Hospital A&E staffing levels 'unsafe' says consultant
- Published
A shortage of staff at Welsh hospital emergency departments is at "tipping point" and putting patient safety at risk, a top consultant has said.
It came as figures obtained by BBC Radio Wales showed 15% of medical positions were vacant or filled by temporary staff.
In the Aneurin Bevan University Health Board, one in 10 of the medical staff positions were vacant.
The Welsh government said there were difficulties recruiting A&E doctors.
BBC Radio Wales submitted Freedom of Information requests to the seven boards in Wales asking about staff levels for consultants, doctors and nurses.
All responded for the 11 months to August 2013 and showed that all the A&E wards were regularly operating below agreed staff levels.
The worst was Aneurin Bevan University Health Board in south east Wales, where one in 10 of the medical staff positions were vacant.
In the Hywel Dda Health Board in south west Wales, a quarter of the A&E staff were temporary.
The chair of College of Emergency Medicine Mark Poulden called the issue in Wales a "vacancy staffing crisis".
"Over the last year or 18 months we have seen a change. We've essentially reached a tipping point in our staffing levels.
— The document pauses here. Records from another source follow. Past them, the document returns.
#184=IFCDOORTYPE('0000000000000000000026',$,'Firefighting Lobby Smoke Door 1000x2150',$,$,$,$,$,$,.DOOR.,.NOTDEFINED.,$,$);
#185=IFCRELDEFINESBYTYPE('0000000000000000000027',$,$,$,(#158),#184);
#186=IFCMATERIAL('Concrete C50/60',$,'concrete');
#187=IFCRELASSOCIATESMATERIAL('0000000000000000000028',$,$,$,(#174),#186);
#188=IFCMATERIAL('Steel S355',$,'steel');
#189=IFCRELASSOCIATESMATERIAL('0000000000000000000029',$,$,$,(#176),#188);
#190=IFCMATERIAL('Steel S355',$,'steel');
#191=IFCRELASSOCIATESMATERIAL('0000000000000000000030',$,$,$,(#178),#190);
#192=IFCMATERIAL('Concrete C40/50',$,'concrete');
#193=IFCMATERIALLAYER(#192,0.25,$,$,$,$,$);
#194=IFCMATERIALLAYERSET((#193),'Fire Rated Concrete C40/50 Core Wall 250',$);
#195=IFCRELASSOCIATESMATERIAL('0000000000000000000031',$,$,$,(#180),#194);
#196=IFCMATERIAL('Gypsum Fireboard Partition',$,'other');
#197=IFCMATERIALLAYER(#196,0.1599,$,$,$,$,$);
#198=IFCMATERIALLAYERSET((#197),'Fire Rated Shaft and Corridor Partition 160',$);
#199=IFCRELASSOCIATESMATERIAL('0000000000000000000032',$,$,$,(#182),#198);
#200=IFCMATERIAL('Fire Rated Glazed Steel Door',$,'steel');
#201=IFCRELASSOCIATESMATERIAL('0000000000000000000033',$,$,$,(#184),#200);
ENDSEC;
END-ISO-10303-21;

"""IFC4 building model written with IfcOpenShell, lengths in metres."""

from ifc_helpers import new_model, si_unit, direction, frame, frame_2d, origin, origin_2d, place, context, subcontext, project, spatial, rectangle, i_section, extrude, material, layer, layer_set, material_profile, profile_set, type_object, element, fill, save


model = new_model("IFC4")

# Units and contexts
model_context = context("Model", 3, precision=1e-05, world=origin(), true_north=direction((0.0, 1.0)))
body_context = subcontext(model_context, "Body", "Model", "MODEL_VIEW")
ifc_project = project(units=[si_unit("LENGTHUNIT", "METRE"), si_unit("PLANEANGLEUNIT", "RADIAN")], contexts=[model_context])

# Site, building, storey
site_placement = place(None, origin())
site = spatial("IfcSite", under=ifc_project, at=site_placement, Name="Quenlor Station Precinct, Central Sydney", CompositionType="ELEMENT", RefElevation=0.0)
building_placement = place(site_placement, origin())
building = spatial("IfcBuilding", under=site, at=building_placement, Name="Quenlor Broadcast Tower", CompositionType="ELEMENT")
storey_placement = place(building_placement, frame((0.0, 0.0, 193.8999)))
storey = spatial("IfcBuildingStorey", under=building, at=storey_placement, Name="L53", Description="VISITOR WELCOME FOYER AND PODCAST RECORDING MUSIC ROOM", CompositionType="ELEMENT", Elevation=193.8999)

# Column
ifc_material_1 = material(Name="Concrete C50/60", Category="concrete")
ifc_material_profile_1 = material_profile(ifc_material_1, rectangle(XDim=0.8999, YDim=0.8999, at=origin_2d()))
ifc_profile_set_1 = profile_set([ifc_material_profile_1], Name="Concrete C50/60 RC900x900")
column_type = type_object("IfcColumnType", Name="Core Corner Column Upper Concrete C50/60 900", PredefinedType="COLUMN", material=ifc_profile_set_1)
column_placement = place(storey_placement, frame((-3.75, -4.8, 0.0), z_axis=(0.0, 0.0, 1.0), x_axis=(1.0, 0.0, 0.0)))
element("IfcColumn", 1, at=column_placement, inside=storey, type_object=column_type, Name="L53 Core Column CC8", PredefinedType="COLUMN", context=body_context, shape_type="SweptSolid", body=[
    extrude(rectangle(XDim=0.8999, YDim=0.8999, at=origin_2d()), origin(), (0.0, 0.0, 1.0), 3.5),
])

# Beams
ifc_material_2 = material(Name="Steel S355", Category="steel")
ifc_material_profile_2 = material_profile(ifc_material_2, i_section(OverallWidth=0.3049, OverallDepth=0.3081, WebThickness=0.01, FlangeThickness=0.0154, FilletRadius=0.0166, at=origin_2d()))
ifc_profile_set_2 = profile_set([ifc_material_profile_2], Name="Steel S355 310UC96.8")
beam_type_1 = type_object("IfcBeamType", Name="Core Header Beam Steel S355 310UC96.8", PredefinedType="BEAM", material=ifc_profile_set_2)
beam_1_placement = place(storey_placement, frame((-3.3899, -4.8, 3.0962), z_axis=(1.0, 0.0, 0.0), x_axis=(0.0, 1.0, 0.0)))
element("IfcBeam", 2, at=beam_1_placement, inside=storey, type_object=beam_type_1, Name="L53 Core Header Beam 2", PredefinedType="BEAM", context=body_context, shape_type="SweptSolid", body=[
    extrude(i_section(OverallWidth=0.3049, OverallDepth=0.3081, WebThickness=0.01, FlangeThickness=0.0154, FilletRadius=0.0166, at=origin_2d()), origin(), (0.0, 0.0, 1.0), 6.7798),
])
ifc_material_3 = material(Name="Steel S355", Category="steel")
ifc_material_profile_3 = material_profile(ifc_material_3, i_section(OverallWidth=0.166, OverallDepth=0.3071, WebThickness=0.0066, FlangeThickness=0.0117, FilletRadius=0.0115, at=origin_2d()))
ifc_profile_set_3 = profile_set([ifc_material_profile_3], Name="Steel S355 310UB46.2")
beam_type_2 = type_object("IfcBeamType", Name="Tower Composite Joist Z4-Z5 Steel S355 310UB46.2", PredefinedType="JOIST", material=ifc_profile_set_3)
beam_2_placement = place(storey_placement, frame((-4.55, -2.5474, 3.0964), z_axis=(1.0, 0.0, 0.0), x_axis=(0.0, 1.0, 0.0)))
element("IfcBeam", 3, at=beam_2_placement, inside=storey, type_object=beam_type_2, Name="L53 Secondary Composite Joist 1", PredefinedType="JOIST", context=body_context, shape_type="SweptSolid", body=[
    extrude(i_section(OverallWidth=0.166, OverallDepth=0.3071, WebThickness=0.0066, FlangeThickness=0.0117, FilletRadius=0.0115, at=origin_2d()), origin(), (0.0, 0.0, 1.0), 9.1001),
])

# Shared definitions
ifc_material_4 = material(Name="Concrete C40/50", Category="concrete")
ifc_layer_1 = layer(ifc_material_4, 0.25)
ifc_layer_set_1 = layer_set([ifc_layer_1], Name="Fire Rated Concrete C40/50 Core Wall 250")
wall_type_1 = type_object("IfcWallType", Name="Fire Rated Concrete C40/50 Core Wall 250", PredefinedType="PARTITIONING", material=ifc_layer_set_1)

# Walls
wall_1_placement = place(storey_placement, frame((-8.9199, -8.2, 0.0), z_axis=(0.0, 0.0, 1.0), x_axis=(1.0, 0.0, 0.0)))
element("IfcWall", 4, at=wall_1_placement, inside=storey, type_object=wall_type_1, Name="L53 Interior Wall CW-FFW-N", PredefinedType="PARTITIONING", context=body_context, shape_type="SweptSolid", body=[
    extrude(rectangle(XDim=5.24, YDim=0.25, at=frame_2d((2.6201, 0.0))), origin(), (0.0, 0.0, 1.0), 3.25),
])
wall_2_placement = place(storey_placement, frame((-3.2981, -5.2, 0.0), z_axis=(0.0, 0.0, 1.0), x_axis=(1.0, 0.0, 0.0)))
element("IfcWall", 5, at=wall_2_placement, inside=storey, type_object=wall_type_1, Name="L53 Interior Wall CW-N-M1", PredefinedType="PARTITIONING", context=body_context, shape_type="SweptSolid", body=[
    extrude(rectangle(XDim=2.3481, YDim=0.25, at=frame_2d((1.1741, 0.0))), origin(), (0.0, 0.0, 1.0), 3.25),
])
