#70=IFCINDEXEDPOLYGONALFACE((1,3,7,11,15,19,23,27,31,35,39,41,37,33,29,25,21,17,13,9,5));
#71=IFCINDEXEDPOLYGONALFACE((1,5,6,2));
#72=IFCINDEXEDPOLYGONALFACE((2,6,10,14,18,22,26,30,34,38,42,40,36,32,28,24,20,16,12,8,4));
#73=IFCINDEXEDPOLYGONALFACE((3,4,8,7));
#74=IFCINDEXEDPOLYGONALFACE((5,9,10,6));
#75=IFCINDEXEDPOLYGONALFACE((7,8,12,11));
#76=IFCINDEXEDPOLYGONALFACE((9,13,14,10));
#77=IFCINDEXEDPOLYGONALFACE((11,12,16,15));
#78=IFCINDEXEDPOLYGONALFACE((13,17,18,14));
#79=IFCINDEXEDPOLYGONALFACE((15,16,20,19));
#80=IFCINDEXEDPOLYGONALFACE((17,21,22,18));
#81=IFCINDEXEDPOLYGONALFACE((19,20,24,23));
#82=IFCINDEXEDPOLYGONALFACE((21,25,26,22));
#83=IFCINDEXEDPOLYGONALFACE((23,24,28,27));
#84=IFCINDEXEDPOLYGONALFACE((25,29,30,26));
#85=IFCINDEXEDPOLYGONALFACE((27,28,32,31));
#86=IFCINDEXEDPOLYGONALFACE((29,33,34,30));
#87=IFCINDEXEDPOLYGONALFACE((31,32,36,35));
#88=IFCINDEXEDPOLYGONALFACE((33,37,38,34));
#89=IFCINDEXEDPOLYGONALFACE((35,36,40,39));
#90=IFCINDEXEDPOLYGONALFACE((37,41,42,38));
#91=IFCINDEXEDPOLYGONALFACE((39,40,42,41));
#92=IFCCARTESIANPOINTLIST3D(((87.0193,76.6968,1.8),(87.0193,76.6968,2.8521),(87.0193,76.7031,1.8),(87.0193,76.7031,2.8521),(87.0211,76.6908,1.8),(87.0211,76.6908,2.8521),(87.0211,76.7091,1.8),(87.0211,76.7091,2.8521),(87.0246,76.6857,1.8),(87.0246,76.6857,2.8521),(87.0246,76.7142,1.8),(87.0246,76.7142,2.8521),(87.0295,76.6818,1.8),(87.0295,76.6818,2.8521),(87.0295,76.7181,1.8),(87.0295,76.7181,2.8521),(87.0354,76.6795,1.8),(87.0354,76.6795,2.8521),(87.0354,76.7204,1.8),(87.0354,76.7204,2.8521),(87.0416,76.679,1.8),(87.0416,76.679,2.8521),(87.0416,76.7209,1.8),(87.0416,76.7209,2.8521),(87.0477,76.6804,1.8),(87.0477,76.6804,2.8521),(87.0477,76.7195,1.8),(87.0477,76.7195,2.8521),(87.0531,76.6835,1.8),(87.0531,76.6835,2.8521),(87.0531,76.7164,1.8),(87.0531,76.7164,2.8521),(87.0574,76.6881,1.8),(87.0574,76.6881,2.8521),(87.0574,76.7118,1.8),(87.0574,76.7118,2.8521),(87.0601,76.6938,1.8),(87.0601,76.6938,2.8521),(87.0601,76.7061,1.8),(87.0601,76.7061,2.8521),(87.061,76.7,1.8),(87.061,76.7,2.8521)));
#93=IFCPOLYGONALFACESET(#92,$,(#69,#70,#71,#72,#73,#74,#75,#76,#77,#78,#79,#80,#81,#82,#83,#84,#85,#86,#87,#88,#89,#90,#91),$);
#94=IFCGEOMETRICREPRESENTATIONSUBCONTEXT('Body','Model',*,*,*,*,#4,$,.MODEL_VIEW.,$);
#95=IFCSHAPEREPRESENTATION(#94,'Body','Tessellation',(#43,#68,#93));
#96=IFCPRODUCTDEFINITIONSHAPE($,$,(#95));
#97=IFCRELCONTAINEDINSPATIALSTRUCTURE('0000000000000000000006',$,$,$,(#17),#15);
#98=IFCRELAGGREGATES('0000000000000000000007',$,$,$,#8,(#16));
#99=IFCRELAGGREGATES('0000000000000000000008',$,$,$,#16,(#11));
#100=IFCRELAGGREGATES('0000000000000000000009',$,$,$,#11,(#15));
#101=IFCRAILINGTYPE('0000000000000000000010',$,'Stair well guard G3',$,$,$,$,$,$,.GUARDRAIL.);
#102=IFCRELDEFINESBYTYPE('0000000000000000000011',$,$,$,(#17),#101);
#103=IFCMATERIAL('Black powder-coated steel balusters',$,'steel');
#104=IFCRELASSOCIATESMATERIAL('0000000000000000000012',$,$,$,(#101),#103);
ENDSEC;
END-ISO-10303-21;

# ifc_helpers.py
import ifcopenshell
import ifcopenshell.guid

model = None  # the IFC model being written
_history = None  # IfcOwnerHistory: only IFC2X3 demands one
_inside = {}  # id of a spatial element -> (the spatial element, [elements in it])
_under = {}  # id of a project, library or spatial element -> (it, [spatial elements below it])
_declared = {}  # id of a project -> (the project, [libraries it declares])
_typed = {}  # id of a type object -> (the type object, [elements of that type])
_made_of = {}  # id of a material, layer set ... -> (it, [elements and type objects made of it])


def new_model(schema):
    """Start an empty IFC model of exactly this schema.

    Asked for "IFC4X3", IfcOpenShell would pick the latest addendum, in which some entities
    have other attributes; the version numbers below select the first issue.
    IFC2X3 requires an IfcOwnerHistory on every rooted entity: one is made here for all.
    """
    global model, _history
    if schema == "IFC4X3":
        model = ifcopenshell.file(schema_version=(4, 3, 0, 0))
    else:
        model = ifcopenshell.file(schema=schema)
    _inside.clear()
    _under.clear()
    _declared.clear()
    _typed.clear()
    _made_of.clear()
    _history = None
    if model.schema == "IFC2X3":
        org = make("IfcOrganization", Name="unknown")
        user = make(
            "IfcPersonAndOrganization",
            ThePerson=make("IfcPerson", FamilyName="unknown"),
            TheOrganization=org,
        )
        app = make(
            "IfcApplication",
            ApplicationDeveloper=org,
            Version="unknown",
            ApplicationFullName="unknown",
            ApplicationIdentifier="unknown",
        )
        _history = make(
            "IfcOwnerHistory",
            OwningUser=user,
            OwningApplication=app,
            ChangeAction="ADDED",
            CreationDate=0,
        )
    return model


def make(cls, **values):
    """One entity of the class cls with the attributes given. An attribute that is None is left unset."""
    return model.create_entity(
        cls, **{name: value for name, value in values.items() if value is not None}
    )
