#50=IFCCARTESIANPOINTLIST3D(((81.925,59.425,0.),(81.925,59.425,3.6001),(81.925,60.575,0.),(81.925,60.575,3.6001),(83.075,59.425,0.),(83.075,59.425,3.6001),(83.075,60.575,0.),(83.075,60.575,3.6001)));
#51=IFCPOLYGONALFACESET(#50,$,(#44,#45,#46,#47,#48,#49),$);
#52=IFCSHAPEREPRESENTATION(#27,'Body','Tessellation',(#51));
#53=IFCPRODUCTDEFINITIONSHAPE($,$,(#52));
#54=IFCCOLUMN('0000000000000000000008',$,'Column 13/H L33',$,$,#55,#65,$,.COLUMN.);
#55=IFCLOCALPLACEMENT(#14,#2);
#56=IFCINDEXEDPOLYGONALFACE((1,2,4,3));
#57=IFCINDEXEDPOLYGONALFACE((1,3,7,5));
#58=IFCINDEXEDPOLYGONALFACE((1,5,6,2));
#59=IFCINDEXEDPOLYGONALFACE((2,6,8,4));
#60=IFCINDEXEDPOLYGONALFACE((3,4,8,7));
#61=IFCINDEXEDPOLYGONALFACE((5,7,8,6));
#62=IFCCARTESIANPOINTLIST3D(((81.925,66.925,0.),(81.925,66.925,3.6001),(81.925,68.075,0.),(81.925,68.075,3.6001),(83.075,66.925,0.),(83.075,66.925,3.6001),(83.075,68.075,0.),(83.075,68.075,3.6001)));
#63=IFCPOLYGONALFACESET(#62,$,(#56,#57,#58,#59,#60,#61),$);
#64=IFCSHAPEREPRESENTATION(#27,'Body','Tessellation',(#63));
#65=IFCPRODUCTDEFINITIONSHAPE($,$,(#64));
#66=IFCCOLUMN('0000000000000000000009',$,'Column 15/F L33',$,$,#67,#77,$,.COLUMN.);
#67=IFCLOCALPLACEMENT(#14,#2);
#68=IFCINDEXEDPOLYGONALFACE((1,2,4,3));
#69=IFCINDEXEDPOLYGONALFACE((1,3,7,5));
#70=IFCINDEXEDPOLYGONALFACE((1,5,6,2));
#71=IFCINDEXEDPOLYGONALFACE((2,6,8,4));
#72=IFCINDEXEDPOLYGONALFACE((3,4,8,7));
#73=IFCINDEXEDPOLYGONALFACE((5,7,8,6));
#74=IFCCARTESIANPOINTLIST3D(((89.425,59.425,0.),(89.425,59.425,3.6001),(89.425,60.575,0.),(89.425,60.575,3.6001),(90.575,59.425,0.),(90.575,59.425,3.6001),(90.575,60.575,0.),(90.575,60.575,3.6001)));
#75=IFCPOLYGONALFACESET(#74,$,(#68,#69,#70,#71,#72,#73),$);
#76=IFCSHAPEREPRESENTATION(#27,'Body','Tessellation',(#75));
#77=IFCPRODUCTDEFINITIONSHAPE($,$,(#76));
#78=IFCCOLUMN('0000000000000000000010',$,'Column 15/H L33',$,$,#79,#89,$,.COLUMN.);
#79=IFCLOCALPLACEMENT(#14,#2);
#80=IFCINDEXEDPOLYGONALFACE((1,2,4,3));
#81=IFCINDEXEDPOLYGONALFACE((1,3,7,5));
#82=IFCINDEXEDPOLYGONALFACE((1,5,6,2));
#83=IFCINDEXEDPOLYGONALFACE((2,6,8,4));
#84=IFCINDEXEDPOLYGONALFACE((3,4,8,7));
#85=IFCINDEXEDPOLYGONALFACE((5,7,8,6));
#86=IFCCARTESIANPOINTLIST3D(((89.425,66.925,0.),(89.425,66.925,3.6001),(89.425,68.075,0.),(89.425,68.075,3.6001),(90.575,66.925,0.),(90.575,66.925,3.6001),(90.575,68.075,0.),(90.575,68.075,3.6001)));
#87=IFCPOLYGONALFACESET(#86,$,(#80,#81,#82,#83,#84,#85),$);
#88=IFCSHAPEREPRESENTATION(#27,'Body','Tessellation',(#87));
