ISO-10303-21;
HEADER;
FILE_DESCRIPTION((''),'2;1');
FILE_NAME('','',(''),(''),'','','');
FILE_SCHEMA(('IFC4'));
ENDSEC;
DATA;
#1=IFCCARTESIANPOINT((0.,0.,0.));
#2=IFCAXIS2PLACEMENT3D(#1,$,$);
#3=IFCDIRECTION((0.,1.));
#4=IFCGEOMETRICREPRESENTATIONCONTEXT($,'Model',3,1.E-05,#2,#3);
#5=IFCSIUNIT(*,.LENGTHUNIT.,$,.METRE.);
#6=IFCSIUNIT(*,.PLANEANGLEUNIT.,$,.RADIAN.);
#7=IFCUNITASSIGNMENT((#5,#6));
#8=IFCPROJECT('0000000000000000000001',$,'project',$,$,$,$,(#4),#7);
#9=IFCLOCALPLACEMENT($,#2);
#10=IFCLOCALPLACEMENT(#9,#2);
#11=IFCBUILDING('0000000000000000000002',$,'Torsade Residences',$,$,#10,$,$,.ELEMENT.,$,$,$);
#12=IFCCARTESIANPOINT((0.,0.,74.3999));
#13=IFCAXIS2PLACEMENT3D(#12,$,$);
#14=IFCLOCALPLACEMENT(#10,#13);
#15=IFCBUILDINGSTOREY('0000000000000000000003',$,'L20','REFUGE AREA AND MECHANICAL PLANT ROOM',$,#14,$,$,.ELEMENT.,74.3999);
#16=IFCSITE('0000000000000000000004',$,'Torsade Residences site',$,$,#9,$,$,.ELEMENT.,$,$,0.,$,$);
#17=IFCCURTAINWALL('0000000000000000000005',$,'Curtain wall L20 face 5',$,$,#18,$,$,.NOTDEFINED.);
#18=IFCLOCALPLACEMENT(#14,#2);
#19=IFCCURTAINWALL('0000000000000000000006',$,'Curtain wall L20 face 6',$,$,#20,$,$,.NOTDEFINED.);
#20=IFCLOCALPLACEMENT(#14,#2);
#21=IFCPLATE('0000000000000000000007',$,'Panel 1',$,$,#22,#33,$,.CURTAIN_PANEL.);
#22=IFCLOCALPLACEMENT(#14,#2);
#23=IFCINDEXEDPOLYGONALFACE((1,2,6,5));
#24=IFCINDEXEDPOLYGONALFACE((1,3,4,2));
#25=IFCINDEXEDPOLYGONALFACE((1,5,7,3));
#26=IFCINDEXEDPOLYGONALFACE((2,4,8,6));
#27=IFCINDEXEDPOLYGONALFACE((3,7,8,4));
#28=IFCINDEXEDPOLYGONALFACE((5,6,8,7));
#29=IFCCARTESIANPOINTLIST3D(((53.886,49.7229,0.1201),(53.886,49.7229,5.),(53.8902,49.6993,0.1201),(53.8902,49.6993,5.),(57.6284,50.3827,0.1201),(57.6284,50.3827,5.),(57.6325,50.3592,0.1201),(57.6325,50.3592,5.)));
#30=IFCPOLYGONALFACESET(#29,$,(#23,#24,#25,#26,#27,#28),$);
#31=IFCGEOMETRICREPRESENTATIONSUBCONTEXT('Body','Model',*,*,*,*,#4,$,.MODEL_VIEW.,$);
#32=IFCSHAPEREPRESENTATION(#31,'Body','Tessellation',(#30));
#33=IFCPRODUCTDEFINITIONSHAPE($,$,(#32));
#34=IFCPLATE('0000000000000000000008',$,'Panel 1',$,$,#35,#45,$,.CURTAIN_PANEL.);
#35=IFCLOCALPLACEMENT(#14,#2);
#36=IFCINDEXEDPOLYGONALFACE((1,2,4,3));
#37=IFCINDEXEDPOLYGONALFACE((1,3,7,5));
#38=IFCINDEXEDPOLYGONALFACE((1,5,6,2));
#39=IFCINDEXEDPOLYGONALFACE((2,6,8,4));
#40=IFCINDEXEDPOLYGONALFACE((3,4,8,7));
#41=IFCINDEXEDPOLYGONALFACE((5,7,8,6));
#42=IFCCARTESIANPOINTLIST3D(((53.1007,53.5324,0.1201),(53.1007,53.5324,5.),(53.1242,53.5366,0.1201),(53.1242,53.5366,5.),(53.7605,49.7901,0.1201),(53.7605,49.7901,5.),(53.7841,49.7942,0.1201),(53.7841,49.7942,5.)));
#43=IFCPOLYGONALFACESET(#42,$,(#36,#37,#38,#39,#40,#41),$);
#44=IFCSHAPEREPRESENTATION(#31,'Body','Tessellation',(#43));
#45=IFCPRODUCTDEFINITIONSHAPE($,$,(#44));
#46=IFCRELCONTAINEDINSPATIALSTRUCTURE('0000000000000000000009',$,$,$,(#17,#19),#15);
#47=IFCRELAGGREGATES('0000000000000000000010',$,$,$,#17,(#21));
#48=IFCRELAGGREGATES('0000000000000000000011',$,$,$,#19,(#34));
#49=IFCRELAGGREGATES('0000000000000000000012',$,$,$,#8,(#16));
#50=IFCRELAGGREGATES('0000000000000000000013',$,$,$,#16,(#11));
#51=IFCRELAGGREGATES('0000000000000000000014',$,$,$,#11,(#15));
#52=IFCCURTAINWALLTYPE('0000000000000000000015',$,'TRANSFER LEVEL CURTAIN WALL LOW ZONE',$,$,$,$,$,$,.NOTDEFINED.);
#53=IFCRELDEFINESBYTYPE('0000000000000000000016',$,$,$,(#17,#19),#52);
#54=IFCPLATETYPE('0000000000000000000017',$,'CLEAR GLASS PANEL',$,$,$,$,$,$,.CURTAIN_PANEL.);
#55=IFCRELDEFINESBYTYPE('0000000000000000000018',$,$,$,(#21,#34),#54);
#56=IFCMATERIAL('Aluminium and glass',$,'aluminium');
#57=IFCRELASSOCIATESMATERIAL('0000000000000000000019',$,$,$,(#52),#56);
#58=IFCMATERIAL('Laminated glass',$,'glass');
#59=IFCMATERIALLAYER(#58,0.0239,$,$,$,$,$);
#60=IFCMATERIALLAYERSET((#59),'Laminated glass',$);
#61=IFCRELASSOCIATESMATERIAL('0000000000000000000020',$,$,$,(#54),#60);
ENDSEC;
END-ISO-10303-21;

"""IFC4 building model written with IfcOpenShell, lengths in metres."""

from ifc_helpers import new_model, si_unit, direction, frame, origin, origin_2d, place, context, subcontext, project, spatial, rectangle, extrude, material, layer, layer_set, type_object, element, aggregate, save


model = new_model("IFC4")

# Units and contexts
model_context = context("Model", 3, precision=1e-05, world=origin(), true_north=direction((0.0, 1.0)))
body_context = subcontext(model_context, "Body", "Model", "MODEL_VIEW")
ifc_project = project(units=[si_unit("LENGTHUNIT", "METRE"), si_unit("PLANEANGLEUNIT", "RADIAN")], contexts=[model_context])

# Site, building, storey
site_placement = place(None, origin())
site = spatial("IfcSite", under=ifc_project, at=site_placement, Name="Torsade Residences site", CompositionType="ELEMENT", RefElevation=0.0)
building_placement = place(site_placement, origin())
building = spatial("IfcBuilding", under=site, at=building_placement, Name="Torsade Residences", CompositionType="ELEMENT")
storey_placement = place(building_placement, frame((0.0, 0.0, 74.3999)))
storey = spatial("IfcBuildingStorey", under=building, at=storey_placement, Name="L20", Description="REFUGE AREA AND MECHANICAL PLANT ROOM", CompositionType="ELEMENT", Elevation=74.3999)

# Curtain walls
ifc_material_1 = material(Name="Aluminium and glass", Category="aluminium")
curtain_wall_type = type_object("IfcCurtainWallType", Name="TRANSFER LEVEL CURTAIN WALL LOW ZONE", PredefinedType="NOTDEFINED", material=ifc_material_1)
curtain_wall_1_placement = place(storey_placement, origin())
curtain_wall_1 = element("IfcCurtainWall", 1, at=curtain_wall_1_placement, inside=storey, type_object=curtain_wall_type, Name="Curtain wall L20 face 5", PredefinedType="NOTDEFINED")
curtain_wall_2_placement = place(storey_placement, origin())
curtain_wall_2 = element("IfcCurtainWall", 2, at=curtain_wall_2_placement, inside=storey, type_object=curtain_wall_type, Name="Curtain wall L20 face 6", PredefinedType="NOTDEFINED")

# Plates
ifc_material_2 = material(Name="Laminated glass", Category="glass")
ifc_layer = layer(ifc_material_2, 0.0239)
ifc_layer_set = layer_set([ifc_layer], Name="Laminated glass")
plate_type = type_object("IfcPlateType", Name="CLEAR GLASS PANEL", PredefinedType="CURTAIN_PANEL", material=ifc_layer_set)
plate_1_placement = place(storey_placement, frame((55.7593, 50.041, 0.1201), z_axis=(0.0, 0.0, 1.0), x_axis=(-0.984808, -0.173648, 0.0)))
plate_1 = element("IfcPlate", 3, at=plate_1_placement, type_object=plate_type, Name="Panel 1", PredefinedType="CURTAIN_PANEL", context=body_context, shape_type="SweptSolid", body=[
    extrude(rectangle(XDim=3.8, YDim=0.0239, at=origin_2d()), origin(), (0.0, 0.0, 1.0), 4.8799),
])
aggregate(curtain_wall_1, [plate_1])
plate_2_placement = place(storey_placement, frame((53.4424, 51.6633, 0.1201), z_axis=(0.0, 0.0, 1.0), x_axis=(-0.173648, 0.984808, 0.0)))
plate_2 = element("IfcPlate", 4, at=plate_2_placement, type_object=plate_type, Name="Panel 1", PredefinedType="CURTAIN_PANEL", context=body_context, shape_type="SweptSolid", body=[
    extrude(rectangle(XDim=3.8, YDim=0.0239, at=origin_2d()), origin(), (0.0, 0.0, 1.0), 4.8799),
])
aggregate(curtain_wall_2, [plate_2])

save(model, "model.ifc")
Some departments you cannot deliver what you want to for patients," he said.
"Sometimes you can't deliver the quality and certain times we can't deliver the safety we require either which can be difficult."
Across Wales, more than 15% or almost one in seven positions at A&Es were either vacant or being filled by temporary staff.
However the average NHS vacancy rate was more than 5% which is less than the English NHS rate of 9%.
In September the Auditor General for Wales identified a deterioration of care at A&Es.
'Dignified care'
Nicola Davis-Job, who represents A&E nurses for the Royal College of Nursing, said: "If you have a nurse down on your shift and nobody to fill that the patient care level it doesn't go down, it just means that the nurses have less time to spend with each patient.
"You have to choose which patients that you're going to care for and that's not something that nurses like to do.
"They feel they should give dignified care to all those patients on their shift."
Responding to the figures, the Welsh government said: "While just over 96% of all medical and dental posts are filled, demonstrating we do not have a general recruitment problem, there are geographical hotspots and recruitment difficulties in some specialities...
"If we want senior A&E doctors present for more hours of the week, we will only achieve this if we stop spreading them so thinly and focus their working in fewer centres."
Health Minister Mark Drakeford added: "Right across the United Kingdom there is a shortage of senior doctors to work in A&E departments and Wales is no exception."
He told BBC Radio Wales that the NHS in Wales was being overhauled, including A&E care in an attempt to prevent such issues arising.
"The problems of recruitment don't go away by reorganisation but they become more manageable because you are able to concentrate your forces," he said.
The shadow health minister Darren Millar called the figures unacceptable and said First Minister Carwyn Jones was breaking promises of improvement.